En l’espèce, dans sa séance du 12 juillet 2023, la commission a imposé des mesures qu'elle a notifiées le 13 juillet 2023 à [33]. La contestation a été élevée par lettre recommandée expédiée au secrétariat de la commission le 19 juillet 2023, soit le sixième jour.
Au regard du délai prévu par les dispositions susvisées (trente jours), il y donc lieu de dire recevable la contestation formée par [33].

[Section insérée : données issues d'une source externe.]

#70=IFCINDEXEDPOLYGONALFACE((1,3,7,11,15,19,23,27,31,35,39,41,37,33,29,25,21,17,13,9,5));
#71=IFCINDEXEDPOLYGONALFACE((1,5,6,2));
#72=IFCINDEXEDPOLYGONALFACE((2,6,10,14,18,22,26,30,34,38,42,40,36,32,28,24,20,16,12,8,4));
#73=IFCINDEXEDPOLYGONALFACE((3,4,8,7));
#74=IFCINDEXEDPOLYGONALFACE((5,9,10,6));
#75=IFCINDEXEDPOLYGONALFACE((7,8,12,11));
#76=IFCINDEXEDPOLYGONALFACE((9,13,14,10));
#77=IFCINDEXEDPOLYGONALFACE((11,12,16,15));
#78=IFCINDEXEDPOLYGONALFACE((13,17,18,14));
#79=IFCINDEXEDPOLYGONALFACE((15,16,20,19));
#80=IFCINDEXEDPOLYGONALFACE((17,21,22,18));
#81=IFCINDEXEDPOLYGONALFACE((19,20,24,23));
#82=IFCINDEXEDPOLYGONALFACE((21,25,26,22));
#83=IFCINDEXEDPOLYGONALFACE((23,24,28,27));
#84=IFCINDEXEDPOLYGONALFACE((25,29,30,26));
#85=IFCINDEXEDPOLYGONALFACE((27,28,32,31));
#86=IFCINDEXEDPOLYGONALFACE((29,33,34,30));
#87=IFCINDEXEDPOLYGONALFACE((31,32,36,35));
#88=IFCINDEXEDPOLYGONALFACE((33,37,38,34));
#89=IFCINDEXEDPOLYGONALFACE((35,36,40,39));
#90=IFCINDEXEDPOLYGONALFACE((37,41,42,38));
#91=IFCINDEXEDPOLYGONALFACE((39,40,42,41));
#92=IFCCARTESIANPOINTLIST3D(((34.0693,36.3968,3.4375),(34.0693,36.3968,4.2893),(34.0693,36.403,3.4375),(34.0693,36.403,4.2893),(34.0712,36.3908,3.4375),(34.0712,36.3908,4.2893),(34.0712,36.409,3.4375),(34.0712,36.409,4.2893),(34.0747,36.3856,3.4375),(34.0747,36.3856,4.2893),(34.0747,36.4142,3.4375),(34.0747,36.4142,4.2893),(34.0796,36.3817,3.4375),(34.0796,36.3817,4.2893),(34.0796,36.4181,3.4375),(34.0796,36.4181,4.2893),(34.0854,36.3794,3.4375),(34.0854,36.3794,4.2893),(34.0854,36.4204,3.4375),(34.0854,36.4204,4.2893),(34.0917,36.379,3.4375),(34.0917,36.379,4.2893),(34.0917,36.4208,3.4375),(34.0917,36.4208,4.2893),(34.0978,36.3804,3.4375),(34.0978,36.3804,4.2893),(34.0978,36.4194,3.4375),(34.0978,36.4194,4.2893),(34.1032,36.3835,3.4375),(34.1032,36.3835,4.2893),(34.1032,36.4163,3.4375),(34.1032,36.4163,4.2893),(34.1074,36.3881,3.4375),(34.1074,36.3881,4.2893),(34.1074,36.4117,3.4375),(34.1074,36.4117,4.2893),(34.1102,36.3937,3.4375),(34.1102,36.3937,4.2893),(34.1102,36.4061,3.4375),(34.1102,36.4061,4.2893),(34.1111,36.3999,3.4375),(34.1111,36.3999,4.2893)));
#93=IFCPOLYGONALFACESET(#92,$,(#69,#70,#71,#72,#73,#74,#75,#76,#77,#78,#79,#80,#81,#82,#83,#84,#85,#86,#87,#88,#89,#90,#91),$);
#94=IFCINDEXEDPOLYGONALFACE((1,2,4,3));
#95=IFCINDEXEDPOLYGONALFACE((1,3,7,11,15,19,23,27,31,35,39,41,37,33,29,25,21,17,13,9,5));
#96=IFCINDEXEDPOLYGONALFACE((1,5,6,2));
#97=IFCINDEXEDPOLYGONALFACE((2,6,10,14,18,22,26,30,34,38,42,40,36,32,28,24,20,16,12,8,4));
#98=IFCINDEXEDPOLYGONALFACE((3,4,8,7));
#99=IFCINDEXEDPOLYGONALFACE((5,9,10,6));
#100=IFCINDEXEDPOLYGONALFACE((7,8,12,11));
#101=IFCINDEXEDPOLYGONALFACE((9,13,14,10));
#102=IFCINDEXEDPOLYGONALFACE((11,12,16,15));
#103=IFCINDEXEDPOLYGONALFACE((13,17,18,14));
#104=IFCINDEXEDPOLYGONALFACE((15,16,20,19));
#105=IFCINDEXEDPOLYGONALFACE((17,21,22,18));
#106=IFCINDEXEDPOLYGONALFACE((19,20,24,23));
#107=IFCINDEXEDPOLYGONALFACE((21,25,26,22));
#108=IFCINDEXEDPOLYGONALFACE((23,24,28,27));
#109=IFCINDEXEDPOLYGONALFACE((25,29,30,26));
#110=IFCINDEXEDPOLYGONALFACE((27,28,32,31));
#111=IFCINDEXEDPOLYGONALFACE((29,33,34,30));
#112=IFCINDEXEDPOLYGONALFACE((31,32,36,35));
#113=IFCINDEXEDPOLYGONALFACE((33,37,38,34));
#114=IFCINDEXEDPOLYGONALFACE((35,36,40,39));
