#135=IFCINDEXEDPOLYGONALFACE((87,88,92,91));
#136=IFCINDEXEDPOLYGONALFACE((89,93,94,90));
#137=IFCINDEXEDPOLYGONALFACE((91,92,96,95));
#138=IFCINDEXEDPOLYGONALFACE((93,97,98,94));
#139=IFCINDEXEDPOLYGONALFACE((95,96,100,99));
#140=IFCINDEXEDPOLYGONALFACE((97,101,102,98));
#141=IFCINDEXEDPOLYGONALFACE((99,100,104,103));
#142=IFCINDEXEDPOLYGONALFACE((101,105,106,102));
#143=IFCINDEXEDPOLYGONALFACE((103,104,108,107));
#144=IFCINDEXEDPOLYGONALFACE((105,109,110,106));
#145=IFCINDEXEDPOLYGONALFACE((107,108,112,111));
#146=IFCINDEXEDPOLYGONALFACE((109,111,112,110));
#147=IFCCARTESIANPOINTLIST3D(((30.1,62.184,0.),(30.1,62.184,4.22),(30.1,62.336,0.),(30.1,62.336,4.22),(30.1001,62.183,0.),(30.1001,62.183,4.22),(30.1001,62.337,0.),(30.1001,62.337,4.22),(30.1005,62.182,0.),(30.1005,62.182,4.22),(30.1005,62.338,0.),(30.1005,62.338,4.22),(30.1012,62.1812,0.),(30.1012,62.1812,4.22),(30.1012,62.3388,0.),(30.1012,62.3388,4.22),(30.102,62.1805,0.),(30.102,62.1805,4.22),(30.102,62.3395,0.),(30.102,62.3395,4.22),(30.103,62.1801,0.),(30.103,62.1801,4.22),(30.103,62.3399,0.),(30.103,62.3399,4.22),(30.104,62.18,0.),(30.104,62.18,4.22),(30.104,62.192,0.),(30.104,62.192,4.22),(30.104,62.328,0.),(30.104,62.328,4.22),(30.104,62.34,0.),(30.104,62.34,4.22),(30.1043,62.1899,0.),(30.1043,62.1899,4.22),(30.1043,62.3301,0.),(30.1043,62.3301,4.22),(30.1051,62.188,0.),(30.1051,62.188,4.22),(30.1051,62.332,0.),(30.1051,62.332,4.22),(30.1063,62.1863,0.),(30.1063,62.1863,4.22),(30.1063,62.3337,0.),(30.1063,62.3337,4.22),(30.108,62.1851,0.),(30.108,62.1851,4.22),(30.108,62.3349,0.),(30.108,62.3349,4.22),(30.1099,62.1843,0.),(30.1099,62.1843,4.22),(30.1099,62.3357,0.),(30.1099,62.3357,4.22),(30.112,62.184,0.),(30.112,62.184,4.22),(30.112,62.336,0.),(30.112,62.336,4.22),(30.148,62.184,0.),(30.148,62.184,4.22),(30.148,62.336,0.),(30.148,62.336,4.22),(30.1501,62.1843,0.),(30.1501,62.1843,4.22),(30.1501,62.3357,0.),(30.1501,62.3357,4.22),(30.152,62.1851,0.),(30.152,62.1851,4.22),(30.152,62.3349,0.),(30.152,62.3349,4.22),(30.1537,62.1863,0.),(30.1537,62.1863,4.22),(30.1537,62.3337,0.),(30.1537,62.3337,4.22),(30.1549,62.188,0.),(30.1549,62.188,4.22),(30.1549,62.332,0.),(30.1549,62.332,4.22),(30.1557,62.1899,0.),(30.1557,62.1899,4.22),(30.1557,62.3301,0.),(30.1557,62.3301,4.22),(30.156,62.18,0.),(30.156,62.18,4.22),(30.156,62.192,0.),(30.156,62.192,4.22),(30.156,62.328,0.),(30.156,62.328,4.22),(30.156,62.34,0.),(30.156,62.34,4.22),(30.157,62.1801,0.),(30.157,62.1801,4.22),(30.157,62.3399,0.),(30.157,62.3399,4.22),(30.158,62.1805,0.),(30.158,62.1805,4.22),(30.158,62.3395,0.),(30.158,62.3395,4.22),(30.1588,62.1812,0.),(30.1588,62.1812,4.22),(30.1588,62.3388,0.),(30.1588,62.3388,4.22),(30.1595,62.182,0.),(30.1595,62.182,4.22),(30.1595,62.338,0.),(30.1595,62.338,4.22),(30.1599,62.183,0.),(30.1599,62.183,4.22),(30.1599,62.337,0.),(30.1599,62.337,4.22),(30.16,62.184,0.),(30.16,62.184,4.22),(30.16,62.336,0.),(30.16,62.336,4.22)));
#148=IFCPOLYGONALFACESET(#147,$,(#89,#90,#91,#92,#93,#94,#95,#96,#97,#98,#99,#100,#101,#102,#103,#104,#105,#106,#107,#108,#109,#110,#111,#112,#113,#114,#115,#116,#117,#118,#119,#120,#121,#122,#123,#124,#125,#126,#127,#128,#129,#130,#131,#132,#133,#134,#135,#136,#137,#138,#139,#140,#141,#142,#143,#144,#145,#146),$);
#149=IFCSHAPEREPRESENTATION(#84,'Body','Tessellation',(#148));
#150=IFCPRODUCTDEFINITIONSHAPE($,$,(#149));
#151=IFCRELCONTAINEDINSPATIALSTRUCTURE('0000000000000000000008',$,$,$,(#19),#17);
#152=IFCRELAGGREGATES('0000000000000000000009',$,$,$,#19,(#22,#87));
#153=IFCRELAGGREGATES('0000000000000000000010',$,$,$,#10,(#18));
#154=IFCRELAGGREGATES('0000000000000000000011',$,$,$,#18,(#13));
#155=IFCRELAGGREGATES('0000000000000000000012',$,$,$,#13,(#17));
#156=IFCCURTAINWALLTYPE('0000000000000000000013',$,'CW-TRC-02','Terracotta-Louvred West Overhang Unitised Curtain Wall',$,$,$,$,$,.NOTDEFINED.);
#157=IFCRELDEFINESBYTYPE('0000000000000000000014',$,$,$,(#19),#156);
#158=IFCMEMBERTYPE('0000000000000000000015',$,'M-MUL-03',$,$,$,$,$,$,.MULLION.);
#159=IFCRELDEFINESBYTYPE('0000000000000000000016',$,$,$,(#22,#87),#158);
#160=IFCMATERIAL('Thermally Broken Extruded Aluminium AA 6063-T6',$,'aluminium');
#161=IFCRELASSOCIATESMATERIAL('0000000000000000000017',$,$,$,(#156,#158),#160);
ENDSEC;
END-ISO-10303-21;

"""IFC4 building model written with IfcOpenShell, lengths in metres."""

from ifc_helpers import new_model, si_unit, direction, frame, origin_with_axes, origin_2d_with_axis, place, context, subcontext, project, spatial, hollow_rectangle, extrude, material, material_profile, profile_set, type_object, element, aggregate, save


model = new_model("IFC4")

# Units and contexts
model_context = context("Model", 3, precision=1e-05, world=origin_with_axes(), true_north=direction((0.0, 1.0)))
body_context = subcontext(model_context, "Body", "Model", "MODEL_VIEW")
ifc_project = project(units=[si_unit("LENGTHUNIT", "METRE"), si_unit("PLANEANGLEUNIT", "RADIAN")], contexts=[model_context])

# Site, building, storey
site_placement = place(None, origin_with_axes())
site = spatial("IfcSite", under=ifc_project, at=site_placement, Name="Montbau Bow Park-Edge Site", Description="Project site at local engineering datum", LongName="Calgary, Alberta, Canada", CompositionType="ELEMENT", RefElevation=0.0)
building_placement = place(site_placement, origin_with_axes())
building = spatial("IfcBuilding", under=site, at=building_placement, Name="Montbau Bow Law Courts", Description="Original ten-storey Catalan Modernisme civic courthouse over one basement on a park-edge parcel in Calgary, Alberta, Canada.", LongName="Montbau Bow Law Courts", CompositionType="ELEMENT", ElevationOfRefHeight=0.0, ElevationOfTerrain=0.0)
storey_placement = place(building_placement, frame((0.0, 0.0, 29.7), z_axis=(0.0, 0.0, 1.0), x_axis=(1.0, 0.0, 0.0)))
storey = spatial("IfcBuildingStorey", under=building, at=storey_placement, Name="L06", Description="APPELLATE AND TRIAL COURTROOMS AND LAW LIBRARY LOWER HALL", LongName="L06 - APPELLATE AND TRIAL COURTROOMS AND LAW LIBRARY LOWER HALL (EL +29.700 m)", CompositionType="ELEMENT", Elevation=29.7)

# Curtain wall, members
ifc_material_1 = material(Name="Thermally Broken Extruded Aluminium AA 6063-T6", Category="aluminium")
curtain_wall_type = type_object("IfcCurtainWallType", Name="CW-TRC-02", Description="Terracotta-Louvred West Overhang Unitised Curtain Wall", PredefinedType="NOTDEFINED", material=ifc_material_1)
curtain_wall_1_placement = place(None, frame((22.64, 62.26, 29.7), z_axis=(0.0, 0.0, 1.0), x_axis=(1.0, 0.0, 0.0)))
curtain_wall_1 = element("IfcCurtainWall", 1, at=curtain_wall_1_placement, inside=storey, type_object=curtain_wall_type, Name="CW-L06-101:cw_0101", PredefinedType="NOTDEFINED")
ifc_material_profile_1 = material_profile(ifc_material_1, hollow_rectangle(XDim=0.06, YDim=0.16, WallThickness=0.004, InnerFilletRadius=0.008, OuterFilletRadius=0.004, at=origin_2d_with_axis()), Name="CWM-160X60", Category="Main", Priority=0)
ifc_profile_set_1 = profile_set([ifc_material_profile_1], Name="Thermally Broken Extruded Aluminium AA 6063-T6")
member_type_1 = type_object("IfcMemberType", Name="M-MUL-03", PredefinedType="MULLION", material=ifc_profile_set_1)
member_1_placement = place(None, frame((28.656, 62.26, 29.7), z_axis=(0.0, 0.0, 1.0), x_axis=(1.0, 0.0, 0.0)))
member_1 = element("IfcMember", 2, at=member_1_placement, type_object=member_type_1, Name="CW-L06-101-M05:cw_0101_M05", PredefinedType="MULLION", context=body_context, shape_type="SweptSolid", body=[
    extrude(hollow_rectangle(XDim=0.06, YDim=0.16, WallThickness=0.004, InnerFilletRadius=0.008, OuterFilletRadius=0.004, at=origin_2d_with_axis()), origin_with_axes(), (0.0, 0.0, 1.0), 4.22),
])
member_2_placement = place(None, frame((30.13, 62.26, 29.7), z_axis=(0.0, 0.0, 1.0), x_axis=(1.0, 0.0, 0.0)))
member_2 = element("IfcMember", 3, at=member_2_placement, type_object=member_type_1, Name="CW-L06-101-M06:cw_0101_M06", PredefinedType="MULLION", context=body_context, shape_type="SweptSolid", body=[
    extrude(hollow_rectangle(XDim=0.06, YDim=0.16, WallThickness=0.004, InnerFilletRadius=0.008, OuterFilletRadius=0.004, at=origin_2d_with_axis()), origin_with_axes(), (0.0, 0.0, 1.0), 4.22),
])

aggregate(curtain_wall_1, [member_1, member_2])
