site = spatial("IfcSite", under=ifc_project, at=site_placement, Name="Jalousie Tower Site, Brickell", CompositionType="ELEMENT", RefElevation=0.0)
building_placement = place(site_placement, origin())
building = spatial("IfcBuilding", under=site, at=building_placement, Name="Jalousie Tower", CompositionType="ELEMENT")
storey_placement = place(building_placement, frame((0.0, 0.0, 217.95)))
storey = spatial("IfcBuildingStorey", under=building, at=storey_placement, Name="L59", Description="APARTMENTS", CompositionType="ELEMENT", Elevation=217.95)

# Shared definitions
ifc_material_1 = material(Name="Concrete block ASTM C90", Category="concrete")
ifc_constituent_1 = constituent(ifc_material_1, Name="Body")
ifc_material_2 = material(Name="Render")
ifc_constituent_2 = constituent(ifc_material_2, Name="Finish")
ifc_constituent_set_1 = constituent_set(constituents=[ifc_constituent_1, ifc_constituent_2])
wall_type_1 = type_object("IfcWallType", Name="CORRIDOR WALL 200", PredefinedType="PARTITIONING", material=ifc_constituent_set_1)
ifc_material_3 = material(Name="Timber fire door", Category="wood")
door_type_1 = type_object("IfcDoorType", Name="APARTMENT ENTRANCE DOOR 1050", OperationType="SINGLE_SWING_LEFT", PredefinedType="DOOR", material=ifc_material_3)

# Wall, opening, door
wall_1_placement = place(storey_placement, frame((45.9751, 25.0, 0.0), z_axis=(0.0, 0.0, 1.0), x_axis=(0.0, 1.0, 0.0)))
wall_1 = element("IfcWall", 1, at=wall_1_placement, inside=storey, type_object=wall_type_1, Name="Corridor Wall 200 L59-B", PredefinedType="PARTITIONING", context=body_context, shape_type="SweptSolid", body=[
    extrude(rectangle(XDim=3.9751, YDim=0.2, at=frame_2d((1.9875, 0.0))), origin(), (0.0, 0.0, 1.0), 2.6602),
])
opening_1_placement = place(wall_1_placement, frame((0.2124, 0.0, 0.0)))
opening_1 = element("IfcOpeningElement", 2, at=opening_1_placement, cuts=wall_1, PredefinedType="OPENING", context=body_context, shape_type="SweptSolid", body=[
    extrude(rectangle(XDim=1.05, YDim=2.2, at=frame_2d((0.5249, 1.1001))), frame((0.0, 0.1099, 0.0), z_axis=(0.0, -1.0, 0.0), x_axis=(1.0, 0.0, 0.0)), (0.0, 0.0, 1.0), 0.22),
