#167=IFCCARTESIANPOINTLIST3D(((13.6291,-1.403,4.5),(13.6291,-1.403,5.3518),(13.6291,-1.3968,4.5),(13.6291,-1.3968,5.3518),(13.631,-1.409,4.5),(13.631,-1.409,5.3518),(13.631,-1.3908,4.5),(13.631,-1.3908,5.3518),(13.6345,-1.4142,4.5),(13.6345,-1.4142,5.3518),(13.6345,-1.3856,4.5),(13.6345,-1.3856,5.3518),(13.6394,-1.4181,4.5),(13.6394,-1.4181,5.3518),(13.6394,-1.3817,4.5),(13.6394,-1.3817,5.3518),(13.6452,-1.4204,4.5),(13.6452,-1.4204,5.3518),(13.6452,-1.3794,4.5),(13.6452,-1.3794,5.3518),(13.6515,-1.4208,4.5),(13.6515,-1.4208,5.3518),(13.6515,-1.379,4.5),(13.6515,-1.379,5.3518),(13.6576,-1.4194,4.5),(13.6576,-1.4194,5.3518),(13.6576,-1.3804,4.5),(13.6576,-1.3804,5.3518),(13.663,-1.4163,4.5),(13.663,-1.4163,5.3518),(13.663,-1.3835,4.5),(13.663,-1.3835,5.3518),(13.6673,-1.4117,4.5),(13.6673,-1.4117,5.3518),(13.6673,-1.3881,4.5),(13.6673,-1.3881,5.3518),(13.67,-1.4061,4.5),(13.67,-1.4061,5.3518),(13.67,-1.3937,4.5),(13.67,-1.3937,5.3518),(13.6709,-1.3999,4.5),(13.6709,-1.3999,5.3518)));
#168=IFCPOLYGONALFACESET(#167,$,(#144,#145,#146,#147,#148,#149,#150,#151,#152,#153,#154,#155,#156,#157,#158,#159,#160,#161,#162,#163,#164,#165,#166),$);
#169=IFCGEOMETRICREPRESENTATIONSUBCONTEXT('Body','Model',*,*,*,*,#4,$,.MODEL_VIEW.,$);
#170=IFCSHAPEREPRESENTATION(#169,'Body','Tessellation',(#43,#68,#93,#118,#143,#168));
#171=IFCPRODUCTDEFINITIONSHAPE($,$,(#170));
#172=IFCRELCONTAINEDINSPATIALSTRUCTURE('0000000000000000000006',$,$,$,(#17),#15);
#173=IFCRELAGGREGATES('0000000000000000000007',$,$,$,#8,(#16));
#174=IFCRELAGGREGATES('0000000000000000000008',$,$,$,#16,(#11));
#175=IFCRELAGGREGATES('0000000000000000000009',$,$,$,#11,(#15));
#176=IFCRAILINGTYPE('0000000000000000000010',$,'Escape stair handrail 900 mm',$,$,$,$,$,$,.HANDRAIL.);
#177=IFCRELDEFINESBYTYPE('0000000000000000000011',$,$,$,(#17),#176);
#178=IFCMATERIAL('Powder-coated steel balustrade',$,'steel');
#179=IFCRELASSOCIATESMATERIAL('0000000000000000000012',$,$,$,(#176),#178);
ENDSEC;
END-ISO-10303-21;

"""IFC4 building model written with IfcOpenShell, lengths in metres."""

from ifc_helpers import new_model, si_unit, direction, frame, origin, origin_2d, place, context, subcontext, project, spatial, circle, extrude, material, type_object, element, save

Sur le bien-fondé de la contestation :
En vertu de l'article L711-1 du Code de la consommation, le bénéfice des mesures de traitement des situations de surendettement est ouvert aux personnes physiques de bonne foi. La situation de surendettement est caractérisée par l'impossibilité manifeste de faire face à l'ensemble de ses dettes, professionnelles et non professionnelles, exigibles et à échoir. Le seul fait d'être propriétaire de sa résidence principale dont la valeur estimée à la date du dépôt du dossier de surendettement est égale ou supérieure au montant de l'ensemble des dettes professionnelles et non professionnelles exigibles et à échoir ne fait pas obstacle à la caractérisation de la situation de surendettement. L'impossibilité de faire face à un engagement de cautionner ou d'acquitter solidairement la dette d'un entrepreneur individuel ou d'une société caractérise également une situation de surendettement.
En l'espèce, Monsieur [H] n'a pas comparu à l'audience du 18 juin 2024.
Il n'a adressé au juge, dans les conditions prévues par l'article R713-4 du Code de la consommation, aucun justificatif de sa situation financière et personnelle, et ne se s'est pas fait représenter à l'audience dans les conditions prévues par l'article 762 du Code de procédure civile.
En conséquence, alors que le juge est tenu d'apprécier la situation de surendettement au jour où il statue, Monsieur [H] n'a pas actualisé sa situation personnelle et financière. En effet, les informations sur sa situation financière et personnelle dont dispose le juge datent ainsi de plus d’un an (l'analyse de la situation personnelle et financière du débiteur par la commission datant du 1er août 2023).
Dans ces conditions, l'état de surendettement du débiteur au jour de l'audience, condition posée par l'article L711-1 du Code de la consommation pour bénéficier d'une procédure de surendettement, n’est pas établi.
En conséquence, Monsieur [H], à qui il appartenait de se montrer actif dans le suivi de son dossier de surendettement et particulièrement de justifier de sa situation financière et personnelle au jour de l'audience, ne peut prétendre au bénéfice de la procédure de traitement des situations de surendettement. Il sera donc déclaré irrecevable en sa demande.
Sur les demandes accessoires :
En principe, en cette matière où la saisine du tribunal et la notification des décisions se font sans l'intervention d'un huissier et où le ministère d'avocat n'est pas obligatoire, il n'y a pas de dépens. En conséquence, si une partie engage des dépens, ceux-ci resteront à sa charge.
PAR CES MOTIFS :
Le Juge des contentieux de la protection, statuant en matière de surendettement, publiquement, par mise à disposition du jugement au greffe à la date indiquée à l’issue des débats en audience publique en application de l’article 450 alinéa 2 du Code de procédure civile, par jugement réputé contradictoire et rendu en premier ressort,
DIT la société [33] recevable en sa contestation à l'encontre des mesures imposées prise par la commission de traitement des situations de surendettement du NORD dans sa séance du 12 juillet 2023 à l'égard de Monsieur [G] [H] ;
CONSTATE que l’état de surendettement de Monsieur [G] [H] n’est pas avéré ;
DIT en conséquence Monsieur [G] [H] irrecevable à bénéficier d’une procédure de traitement de sa situation de surendettement ;
RENVOIE le dossier à la commission pour classement de la procédure ;
DIT que chaque partie supportera la charge de ses propres dépens ;
DIT que la décision sera notifiée par lettre recommandée avec avis de réception à Monsieur [G] [H] et aux créanciers de la procédure, et par lettre simple à la commission de surendettement des particuliers du NORD.
Ainsi jugé et prononcé à LILLE, le 27 août 2024.